The algorithms and displays presented herein are not inherently related to any particular computer, virtual machine, or other apparatus. Various general purpose systems may also be used with the teachings herein. The required structure for constructing such a system will be apparent from the description above. Moreover, the present invention is not directed to any particular programming language. It is appreciated that a variety of programming languages may be used to implement the teachings of the present invention as described herein, and any descriptions of specific languages are provided above to disclose the best mode of the invention.

In the description provided herein, numerous specific details are set forth. It is understood, however, that embodiments of the invention may be practiced without these specific details. In some instances, well-known methods, structures and techniques have not been shown in detail in order not to obscure an understanding of this description.

Similarly, it should be appreciated that in the foregoing description of exemplary embodiments of the invention, various features of the invention are sometimes grouped together in a single embodiment, figure, or description thereof for the purpose of streamlining the disclosure and aiding in the understanding of one or more of the various inventive aspects. However, the disclosed method should not be interpreted as reflecting an intention that: that the invention as claimed requires more features than are expressly recited in each claim. Rather, as the following claims reflect, inventive aspects lie in less than all features of a single foregoing disclosed embodiment. Thus, the claims following the detailed description are hereby expressly incorporated into this detailed description, with each claim standing on its own as a separate embodiment of this invention.

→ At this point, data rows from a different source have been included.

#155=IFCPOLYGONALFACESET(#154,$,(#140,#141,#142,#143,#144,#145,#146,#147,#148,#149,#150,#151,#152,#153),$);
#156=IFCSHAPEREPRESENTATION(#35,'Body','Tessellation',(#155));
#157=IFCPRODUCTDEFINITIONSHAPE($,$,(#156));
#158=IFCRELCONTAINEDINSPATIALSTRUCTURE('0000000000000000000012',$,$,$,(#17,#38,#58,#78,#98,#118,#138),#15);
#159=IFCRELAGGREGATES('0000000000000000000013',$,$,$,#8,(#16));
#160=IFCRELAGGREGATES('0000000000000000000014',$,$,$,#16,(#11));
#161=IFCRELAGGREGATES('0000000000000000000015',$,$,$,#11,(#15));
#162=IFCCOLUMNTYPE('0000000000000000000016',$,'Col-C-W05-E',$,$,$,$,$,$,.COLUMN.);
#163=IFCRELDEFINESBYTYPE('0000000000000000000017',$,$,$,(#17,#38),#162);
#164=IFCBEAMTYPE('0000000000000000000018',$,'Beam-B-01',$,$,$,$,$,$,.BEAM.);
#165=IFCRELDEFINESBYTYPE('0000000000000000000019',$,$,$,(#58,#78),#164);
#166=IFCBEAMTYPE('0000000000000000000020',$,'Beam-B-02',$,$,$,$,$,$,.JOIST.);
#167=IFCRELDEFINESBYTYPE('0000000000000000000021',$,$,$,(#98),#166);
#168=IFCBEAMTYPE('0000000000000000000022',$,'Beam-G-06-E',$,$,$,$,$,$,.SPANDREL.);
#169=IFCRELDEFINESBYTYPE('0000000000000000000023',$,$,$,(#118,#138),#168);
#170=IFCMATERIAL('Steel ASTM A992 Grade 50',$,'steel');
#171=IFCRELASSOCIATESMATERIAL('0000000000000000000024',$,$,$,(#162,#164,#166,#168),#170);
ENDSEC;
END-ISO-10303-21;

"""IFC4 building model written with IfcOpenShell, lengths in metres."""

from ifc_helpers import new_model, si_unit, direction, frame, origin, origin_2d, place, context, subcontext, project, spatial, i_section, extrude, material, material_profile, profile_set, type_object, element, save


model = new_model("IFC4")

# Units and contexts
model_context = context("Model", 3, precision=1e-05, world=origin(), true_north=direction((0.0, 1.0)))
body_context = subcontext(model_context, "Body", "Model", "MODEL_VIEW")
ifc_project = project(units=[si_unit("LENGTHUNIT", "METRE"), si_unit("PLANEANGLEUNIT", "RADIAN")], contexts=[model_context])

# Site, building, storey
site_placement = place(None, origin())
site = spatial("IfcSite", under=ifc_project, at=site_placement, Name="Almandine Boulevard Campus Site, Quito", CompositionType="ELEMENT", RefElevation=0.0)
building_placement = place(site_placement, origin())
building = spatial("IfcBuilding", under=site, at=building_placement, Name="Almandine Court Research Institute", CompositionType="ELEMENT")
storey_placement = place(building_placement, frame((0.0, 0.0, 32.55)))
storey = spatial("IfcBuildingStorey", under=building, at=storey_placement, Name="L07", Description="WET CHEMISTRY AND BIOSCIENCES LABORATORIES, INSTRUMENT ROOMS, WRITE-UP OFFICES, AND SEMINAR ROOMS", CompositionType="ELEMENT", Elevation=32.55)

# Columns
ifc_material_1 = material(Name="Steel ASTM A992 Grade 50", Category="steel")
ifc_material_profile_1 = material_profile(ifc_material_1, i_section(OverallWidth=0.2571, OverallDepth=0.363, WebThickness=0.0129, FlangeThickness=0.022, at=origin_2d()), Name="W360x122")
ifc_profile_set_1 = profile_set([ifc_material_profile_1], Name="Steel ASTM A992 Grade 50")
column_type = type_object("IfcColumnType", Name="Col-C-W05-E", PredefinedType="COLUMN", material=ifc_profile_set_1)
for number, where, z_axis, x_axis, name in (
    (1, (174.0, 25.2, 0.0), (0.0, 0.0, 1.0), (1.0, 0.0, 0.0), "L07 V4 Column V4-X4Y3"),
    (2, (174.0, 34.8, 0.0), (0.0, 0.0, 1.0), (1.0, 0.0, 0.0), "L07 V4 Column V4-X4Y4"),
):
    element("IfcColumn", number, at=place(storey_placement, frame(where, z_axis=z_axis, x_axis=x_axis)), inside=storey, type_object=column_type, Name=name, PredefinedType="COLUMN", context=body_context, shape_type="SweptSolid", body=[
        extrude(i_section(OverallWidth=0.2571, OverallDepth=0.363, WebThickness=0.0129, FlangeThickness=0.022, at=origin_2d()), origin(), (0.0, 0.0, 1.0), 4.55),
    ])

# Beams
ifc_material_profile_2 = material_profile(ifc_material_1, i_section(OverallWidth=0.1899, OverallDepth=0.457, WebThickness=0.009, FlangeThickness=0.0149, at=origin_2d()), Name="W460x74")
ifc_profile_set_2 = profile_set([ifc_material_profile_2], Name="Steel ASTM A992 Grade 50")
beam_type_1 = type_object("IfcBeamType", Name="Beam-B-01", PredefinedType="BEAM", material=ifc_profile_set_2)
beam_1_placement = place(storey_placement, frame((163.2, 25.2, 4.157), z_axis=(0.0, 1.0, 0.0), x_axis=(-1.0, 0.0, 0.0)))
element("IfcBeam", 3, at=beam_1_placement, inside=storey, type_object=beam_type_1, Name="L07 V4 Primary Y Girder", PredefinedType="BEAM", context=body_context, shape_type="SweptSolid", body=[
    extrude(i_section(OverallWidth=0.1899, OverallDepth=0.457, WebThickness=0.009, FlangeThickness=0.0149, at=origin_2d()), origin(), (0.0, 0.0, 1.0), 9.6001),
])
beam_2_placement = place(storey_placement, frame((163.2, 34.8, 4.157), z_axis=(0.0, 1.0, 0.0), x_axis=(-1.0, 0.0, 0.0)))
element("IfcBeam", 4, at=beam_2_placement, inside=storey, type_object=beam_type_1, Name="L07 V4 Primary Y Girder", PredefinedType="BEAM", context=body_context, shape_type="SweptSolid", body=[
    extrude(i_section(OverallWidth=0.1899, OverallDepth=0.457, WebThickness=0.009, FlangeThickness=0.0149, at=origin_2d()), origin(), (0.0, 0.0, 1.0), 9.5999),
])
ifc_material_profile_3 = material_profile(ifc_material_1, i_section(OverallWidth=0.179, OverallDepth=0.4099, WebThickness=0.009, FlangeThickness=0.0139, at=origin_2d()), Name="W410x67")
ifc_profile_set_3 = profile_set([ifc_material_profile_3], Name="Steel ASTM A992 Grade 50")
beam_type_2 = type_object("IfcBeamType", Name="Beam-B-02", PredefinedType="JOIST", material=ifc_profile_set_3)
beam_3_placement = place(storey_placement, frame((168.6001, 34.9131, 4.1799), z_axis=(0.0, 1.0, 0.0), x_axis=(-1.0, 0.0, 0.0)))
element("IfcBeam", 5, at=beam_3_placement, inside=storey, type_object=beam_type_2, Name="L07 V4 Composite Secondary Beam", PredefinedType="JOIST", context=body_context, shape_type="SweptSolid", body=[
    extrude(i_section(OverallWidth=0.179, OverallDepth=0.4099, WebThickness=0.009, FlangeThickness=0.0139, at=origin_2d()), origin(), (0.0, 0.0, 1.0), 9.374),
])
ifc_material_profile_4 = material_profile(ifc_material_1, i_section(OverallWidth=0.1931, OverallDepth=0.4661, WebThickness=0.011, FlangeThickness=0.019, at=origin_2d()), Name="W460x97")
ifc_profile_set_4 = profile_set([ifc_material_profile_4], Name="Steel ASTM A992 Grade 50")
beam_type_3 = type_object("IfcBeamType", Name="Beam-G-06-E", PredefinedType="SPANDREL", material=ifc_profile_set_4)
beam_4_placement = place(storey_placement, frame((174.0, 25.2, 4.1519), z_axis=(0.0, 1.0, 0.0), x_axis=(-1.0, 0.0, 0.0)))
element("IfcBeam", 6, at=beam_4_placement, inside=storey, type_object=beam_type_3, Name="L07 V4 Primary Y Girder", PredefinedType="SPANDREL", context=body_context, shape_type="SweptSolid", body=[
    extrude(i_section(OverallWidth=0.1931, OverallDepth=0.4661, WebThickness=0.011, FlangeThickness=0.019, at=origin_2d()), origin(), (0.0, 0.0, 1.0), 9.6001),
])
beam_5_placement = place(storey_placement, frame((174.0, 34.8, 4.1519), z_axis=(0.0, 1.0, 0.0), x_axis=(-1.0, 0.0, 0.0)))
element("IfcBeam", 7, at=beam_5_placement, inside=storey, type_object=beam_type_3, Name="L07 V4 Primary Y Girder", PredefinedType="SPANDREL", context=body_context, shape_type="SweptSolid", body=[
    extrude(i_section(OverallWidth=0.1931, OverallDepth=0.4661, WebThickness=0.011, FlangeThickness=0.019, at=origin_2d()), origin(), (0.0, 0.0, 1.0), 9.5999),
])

Those skilled in the art will appreciate that the modules in the device in an embodiment may be adaptively changed and disposed in one or more devices different from the embodiment. The modules or units or components of the embodiments may be combined into one module or unit or component, and furthermore they may be divided into a plurality of sub-modules or sub-units or sub-components. All of the features disclosed in this specification (including any accompanying claims, abstract and drawings), and all of the processes or elements of any method or apparatus so disclosed, may be combined in any combination, except combinations where at least some of such features and/or processes or elements are mutually exclusive. Each feature disclosed in this specification (including any accompanying claims, abstract and drawings) may be replaced by alternative features serving the same, equivalent or similar purpose, unless expressly stated otherwise.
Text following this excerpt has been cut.